Please note that Children with Disabilities (CWD) Fieldwork Teams provide their specialist service within the functions of Assessment, Family Intervention and Looked After Children Teams to ensure as little change as possible for disabled children and their families. While including these teams in the below, it should be recognised that the CWD fieldwork teams and social workers will retain case allocation from Assessment through to Leaving Care/transitioning to Adult Social Care, where the child and their family meet the threshold for those services. The step-up/step-down process for CWD fieldwork teams and the Disabled Children Access and Services Team (AST) is currently under review (2016).

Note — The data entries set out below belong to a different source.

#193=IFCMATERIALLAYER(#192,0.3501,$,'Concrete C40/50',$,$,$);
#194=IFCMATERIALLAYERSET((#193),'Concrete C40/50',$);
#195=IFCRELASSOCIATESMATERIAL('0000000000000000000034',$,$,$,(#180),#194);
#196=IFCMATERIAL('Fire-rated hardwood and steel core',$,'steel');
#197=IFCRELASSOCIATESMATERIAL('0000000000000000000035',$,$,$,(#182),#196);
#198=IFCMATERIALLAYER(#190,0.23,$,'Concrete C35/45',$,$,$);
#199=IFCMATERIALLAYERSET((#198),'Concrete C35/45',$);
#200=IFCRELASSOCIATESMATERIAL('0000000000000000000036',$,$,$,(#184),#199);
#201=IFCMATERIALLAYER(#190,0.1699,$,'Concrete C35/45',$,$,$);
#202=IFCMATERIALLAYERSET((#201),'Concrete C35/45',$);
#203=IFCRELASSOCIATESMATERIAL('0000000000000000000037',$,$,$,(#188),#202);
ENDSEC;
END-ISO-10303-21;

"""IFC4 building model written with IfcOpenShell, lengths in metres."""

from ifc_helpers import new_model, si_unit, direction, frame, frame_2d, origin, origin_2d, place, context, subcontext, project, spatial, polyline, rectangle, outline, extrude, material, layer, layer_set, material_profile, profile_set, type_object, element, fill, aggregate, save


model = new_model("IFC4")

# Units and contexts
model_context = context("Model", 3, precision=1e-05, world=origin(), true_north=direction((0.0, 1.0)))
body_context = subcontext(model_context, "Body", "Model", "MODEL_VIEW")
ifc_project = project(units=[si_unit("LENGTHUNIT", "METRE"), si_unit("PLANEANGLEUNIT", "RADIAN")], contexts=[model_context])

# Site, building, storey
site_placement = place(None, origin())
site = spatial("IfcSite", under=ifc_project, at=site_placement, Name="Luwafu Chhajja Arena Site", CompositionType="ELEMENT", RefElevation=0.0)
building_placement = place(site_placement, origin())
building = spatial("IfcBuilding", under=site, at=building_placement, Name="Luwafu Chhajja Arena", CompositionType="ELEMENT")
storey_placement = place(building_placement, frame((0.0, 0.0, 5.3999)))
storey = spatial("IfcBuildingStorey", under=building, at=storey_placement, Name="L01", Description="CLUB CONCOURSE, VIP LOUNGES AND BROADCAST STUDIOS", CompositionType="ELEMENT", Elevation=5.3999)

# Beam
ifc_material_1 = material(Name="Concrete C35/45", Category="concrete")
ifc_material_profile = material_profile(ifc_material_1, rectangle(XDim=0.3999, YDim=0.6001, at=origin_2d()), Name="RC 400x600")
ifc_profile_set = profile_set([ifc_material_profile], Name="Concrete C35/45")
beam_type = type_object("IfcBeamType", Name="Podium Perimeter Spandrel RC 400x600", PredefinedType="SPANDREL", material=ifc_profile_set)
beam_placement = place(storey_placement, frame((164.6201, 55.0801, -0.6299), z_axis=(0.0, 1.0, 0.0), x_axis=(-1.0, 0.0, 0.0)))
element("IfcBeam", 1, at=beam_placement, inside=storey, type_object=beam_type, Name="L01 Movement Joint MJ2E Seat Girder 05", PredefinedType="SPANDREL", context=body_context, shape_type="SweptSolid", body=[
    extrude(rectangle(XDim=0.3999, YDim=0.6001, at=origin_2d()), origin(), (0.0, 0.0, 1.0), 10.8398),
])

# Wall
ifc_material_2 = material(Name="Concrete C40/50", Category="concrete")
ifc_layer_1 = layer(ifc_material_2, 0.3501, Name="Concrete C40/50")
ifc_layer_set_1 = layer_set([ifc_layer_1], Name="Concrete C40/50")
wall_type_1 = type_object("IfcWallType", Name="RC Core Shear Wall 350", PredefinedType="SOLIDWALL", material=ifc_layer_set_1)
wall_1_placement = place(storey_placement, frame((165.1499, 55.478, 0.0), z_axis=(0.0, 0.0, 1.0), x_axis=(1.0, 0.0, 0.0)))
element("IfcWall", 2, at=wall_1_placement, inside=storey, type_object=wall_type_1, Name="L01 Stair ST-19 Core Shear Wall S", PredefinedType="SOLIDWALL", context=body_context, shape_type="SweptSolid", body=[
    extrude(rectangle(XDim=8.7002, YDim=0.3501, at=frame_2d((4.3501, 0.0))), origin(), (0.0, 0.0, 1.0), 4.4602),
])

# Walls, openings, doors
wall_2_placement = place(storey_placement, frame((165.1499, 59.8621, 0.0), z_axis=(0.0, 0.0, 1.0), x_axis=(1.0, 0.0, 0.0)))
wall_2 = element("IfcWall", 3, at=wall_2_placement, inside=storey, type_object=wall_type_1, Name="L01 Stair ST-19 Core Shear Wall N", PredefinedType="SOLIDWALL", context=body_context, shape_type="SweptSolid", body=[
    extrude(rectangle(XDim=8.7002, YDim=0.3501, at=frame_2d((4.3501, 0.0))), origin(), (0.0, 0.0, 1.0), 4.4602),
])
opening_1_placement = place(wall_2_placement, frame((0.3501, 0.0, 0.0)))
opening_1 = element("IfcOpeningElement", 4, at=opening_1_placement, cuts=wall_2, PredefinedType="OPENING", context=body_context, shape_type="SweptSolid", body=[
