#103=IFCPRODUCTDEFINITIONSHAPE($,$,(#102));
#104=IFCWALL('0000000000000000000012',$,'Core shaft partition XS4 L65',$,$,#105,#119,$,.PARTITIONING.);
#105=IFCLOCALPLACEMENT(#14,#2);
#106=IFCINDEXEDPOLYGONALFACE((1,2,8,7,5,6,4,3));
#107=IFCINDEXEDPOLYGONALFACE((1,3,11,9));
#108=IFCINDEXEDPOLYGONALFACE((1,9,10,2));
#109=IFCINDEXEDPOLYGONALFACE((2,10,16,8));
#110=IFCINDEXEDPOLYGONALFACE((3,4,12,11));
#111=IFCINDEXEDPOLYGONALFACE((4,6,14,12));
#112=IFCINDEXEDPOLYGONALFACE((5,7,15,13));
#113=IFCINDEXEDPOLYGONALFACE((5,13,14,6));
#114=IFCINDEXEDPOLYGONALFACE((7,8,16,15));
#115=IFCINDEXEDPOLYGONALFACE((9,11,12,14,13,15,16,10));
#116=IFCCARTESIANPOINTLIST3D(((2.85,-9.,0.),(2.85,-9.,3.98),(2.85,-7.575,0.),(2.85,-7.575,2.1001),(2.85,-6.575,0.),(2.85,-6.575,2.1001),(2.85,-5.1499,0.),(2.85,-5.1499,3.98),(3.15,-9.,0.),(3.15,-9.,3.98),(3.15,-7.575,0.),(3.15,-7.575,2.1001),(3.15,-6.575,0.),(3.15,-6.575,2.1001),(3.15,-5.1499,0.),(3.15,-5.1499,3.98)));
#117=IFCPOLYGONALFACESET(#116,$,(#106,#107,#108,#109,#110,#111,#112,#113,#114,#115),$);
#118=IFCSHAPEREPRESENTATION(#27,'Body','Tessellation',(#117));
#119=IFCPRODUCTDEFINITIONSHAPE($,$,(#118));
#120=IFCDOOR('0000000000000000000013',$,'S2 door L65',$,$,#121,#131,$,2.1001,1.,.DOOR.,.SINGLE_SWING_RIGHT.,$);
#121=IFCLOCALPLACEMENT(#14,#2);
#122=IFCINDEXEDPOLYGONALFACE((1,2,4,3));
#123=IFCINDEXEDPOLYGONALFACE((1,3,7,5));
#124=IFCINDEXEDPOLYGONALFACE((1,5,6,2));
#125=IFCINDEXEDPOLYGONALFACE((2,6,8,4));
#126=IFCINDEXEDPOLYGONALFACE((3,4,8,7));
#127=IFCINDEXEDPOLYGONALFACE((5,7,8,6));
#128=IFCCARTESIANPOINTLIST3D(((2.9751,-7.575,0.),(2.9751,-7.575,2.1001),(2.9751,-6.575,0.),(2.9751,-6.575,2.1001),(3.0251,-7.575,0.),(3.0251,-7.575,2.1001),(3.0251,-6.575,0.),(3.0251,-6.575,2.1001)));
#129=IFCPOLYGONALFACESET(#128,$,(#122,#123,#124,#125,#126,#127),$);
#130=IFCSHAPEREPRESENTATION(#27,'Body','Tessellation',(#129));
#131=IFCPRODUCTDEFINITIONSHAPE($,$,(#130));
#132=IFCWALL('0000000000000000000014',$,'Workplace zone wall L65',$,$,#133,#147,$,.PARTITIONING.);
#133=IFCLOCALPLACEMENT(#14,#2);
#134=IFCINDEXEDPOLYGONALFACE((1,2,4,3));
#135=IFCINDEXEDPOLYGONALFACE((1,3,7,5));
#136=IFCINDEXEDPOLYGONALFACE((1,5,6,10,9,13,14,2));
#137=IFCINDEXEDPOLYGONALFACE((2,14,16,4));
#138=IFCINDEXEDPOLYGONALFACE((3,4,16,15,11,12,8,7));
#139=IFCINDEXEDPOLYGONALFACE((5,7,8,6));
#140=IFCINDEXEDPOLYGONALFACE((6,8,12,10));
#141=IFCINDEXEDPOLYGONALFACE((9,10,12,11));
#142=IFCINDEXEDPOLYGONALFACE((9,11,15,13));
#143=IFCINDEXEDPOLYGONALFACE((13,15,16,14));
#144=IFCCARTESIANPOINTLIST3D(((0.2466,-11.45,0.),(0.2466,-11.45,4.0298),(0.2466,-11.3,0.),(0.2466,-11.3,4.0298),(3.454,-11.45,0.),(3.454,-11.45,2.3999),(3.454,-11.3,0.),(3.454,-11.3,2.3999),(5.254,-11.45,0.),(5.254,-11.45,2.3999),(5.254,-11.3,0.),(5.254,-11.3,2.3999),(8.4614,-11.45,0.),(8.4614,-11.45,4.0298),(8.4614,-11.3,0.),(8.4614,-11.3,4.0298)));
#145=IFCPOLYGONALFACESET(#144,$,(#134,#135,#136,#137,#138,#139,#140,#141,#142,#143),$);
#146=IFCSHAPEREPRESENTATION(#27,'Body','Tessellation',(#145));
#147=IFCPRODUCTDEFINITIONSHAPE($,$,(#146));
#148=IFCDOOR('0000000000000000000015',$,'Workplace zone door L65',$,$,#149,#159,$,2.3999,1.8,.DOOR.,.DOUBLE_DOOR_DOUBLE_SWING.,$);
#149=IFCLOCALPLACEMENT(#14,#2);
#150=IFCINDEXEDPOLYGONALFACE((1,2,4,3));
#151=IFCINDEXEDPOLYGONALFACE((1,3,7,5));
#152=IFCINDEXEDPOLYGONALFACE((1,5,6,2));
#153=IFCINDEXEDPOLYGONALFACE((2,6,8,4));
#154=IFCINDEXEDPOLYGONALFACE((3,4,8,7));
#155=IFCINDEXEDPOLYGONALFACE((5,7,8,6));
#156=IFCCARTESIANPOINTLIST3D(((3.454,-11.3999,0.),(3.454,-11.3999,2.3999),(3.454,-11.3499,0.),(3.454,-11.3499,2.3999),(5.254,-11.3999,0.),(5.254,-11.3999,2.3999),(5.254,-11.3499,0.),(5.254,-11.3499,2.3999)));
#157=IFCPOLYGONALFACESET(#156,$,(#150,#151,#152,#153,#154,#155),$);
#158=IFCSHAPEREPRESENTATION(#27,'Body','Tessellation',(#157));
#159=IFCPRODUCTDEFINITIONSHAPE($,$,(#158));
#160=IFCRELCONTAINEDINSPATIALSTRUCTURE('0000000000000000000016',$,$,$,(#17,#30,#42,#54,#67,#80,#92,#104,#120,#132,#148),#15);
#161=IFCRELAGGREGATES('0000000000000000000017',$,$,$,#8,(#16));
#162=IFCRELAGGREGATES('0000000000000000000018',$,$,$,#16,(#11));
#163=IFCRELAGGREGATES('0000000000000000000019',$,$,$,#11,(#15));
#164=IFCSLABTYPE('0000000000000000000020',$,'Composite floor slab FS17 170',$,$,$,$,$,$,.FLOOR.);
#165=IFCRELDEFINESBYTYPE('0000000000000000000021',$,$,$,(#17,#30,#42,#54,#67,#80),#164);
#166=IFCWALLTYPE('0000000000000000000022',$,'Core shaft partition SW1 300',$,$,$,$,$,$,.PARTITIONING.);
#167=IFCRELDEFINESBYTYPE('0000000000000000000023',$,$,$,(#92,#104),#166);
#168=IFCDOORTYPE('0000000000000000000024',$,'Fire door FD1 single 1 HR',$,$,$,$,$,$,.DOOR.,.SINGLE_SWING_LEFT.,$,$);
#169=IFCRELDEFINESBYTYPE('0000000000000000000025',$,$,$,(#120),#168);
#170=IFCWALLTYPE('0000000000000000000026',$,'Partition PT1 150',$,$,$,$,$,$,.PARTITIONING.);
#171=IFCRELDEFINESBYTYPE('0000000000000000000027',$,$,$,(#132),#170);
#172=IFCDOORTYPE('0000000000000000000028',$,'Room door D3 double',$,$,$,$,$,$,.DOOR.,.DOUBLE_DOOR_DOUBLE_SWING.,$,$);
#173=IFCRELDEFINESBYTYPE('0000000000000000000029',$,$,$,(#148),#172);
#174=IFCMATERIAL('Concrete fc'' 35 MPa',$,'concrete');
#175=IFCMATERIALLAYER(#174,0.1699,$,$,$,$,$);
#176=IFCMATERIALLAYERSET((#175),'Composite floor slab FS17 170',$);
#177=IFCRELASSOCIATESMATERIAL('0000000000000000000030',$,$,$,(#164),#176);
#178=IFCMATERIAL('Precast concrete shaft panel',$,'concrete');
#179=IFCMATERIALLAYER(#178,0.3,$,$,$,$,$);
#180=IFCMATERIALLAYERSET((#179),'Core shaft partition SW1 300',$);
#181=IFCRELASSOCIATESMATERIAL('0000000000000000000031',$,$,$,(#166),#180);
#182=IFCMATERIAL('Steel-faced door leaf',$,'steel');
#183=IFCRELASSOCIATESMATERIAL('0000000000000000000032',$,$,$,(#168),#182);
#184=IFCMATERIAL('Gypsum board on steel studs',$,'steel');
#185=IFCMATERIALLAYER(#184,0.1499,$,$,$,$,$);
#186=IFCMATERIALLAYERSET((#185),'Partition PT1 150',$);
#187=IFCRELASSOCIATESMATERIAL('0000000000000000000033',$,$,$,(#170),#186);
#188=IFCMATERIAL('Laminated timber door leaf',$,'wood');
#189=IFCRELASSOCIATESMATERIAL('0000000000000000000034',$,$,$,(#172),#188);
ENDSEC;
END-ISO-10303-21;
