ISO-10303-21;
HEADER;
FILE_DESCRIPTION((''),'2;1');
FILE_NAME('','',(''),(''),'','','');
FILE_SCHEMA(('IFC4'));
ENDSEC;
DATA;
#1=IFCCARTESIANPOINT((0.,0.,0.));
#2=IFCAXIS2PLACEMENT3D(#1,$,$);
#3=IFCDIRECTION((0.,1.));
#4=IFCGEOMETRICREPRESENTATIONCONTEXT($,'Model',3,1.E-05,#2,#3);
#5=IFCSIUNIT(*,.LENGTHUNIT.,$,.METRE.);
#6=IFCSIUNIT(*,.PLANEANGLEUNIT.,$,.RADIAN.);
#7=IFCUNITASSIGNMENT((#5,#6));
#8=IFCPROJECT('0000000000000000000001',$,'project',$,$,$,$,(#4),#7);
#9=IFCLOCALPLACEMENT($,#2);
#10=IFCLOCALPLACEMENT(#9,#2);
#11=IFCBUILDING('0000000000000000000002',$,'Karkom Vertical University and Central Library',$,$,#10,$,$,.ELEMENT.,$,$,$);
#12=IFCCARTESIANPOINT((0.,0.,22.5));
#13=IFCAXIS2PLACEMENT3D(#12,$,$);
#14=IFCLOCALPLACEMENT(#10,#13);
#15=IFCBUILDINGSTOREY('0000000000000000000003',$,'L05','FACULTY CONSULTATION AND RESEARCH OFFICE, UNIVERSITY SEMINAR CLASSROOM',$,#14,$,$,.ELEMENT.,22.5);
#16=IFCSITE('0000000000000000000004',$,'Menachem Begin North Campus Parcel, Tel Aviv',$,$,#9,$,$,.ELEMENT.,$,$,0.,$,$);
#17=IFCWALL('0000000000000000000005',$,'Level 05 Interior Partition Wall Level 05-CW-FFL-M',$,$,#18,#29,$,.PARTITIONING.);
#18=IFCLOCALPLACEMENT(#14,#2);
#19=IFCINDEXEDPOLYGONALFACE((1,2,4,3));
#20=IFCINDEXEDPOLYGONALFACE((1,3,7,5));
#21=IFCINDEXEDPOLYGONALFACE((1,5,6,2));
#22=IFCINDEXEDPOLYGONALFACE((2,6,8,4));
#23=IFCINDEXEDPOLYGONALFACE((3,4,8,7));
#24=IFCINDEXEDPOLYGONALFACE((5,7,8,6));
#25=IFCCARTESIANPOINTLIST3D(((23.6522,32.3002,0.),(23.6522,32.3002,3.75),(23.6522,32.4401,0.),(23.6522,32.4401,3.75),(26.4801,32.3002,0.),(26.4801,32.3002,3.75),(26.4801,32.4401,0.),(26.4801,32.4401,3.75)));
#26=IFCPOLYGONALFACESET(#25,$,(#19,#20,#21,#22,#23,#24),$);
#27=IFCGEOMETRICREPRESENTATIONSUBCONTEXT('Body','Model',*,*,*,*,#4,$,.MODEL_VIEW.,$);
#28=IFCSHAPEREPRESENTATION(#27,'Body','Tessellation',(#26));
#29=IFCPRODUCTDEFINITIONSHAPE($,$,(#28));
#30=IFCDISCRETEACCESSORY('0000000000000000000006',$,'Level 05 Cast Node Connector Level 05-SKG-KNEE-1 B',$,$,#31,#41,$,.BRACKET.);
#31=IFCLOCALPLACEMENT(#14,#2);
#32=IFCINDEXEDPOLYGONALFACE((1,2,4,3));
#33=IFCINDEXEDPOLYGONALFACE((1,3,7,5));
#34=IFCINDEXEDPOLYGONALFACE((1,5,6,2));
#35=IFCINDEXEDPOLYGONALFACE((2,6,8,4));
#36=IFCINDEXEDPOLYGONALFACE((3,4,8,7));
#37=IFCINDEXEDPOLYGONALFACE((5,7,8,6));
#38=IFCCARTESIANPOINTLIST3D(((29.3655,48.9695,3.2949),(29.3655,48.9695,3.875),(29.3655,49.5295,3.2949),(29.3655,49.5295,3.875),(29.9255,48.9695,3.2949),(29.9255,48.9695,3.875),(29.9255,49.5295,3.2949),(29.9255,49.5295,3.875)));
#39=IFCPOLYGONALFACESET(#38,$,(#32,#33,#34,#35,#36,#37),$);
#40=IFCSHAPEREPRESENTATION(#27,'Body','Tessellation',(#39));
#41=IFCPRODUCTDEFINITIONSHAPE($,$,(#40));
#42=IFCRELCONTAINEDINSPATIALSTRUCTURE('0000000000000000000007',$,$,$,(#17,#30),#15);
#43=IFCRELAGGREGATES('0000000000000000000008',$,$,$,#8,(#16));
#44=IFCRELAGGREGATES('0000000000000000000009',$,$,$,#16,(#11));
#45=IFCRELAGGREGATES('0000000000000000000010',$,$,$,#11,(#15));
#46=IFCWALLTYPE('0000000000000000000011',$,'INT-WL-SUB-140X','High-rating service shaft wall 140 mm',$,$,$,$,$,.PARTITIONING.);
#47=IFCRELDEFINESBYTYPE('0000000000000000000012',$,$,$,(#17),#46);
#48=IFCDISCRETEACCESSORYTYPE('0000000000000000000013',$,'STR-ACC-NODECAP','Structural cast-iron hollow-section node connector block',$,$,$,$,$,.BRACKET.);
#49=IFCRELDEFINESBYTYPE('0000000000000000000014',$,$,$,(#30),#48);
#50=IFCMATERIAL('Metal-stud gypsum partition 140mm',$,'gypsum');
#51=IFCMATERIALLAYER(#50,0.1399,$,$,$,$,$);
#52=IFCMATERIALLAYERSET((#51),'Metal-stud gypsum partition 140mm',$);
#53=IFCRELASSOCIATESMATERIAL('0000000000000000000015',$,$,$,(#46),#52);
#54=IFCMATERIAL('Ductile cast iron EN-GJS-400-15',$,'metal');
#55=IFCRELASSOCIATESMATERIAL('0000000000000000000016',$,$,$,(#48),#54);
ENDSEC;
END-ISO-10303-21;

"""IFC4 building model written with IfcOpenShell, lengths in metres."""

from ifc_helpers import new_model, si_unit, direction, frame, frame_2d, origin, origin_with_axes, origin_2d, place, context, subcontext, project, spatial, rectangle, extrude, source, transform, mapped, material, layer, layer_set, type_object, element, save


model = new_model("IFC4")

# Units and contexts
model_context = context("Model", 3, precision=1e-05, world=origin(), true_north=direction((0.0, 1.0)))
body_context = subcontext(model_context, "Body", "Model", "MODEL_VIEW")
ifc_project = project(units=[si_unit("LENGTHUNIT", "METRE"), si_unit("PLANEANGLEUNIT", "RADIAN")], contexts=[model_context])

# Site, building, storey
site_placement = place(None, origin())
site = spatial("IfcSite", under=ifc_project, at=site_placement, Name="Menachem Begin North Campus Parcel, Tel Aviv", CompositionType="ELEMENT", RefElevation=0.0)
building_placement = place(site_placement, origin())
building = spatial("IfcBuilding", under=site, at=building_placement, Name="Karkom Vertical University and Central Library", CompositionType="ELEMENT")
storey_placement = place(building_placement, frame((0.0, 0.0, 22.5)))
storey = spatial("IfcBuildingStorey", under=building, at=storey_placement, Name="L05", Description="FACULTY CONSULTATION AND RESEARCH OFFICE, UNIVERSITY SEMINAR CLASSROOM", CompositionType="ELEMENT", Elevation=22.5)

# Wall
ifc_material_1 = material(Name="Metal-stud gypsum partition 140mm", Category="gypsum")
ifc_layer_1 = layer(ifc_material_1, 0.1399)
ifc_layer_set_1 = layer_set([ifc_layer_1], Name="Metal-stud gypsum partition 140mm")
wall_type_1 = type_object("IfcWallType", Name="INT-WL-SUB-140X", Description="High-rating service shaft wall 140 mm", PredefinedType="PARTITIONING", material=ifc_layer_set_1)
wall_1_placement = place(storey_placement, frame((23.6521, 32.3701, 0.0), z_axis=(0.0, 0.0, 1.0), x_axis=(1.0, 0.0, 0.0)))
element("IfcWall", 1, at=wall_1_placement, inside=storey, type_object=wall_type_1, Name="Level 05 Interior Partition Wall Level 05-CW-FFL-M", PredefinedType="PARTITIONING", context=body_context, shape_type="SweptSolid", body=[
    extrude(rectangle(XDim=2.8279, YDim=0.1399, at=frame_2d((1.4141, 0.0))), origin(), (0.0, 0.0, 1.0), 3.75),
])

# Discrete accessory
ifc_material_2 = material(Name="Ductile cast iron EN-GJS-400-15", Category="metal")
discrete_accessory_type = type_object("IfcDiscreteAccessoryType", Name="STR-ACC-NODECAP", Description="Structural cast-iron hollow-section node connector block", PredefinedType="BRACKET", material=ifc_material_2)
shared_shape_1 = source(origin_with_axes(), body_context, "Body", "SweptSolid", [
    extrude(rectangle(XDim=0.5601, YDim=0.5601, at=origin_2d()), origin(), (0.0, 0.0, 1.0), 0.5801),
])
discrete_accessory_placement = place(storey_placement, frame((29.6455, 49.2495, 3.2949), z_axis=(0.0, 0.0, 1.0), x_axis=(1.0, 0.0, 0.0)))
element("IfcDiscreteAccessory", 2, at=discrete_accessory_placement, inside=storey, type_object=discrete_accessory_type, Name="Level 05 Cast Node Connector Level 05-SKG-KNEE-1 B", PredefinedType="BRACKET", context=body_context, shape_type="MappedRepresentation", body=[
    mapped(shared_shape_1, transform((0.0, 0.0, 0.0), scale=1.0)),
])

save(model, "model.ifc")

8. Managing Allocation Pressures

The overriding principle for Norfolk Children’s Services is that is that all statutory cases should be allocated to ensure those children who are assessed as the most vulnerable and meet the threshold criteria are allocated to a suitably qualified worker.

Therefore there will be no statutory cases unallocated.

All cases where children are subject of a child protection plan or are a Looked After Child must be allocated. This must be a matter of priority. Where this is challenging, it must be flagged up with the Head of Service who will look to allocate elsewhere in the service. CSLT must also be notified.

Delays in allocating cases should be kept to a minimum. Where delays occur in allocation families should be kept informed about the duration of any delay. Professionals working with the family should also be informed about any delay in allocation of the case and advised about progress in achieving allocation.

Any periods where there are likely to be future or actual delays in allocating child protection or CLA cases must be reported to all senior managers including the Director of Children’s Services.

Managers need to ensure effective monitoring of workloads across teams and services and ensure discussions about workload and workflow are discussed in supervision. Staffing issues, capacity, and fluctuations of work should be pre-empted where possible to ensure there are no delays in allocation of cases. Where persistent difficulty is evident both the Director Children’s Services and the Lead Member need to be advised.


9. Checklist for Case Transfer/Closure

Before case transfer or closure, relevant assessments must be shared with children, families and the professionals involved. All professionals involved must be notified of the transfer or closure and reason for it alongside children and families. On the electronic recording system, all personal details, network details, and classifications must be up to date and payments ceased where appropriate. Assessments and activities must be completed and an up to date chronology attached to the electronic record. Reason for transfer/closure must be clear within the most recent assessment or in the closure form. Any paper records must be properly filed and their location recorded on the electronic record. CiN Episode and data protection episode must be closed before case closure.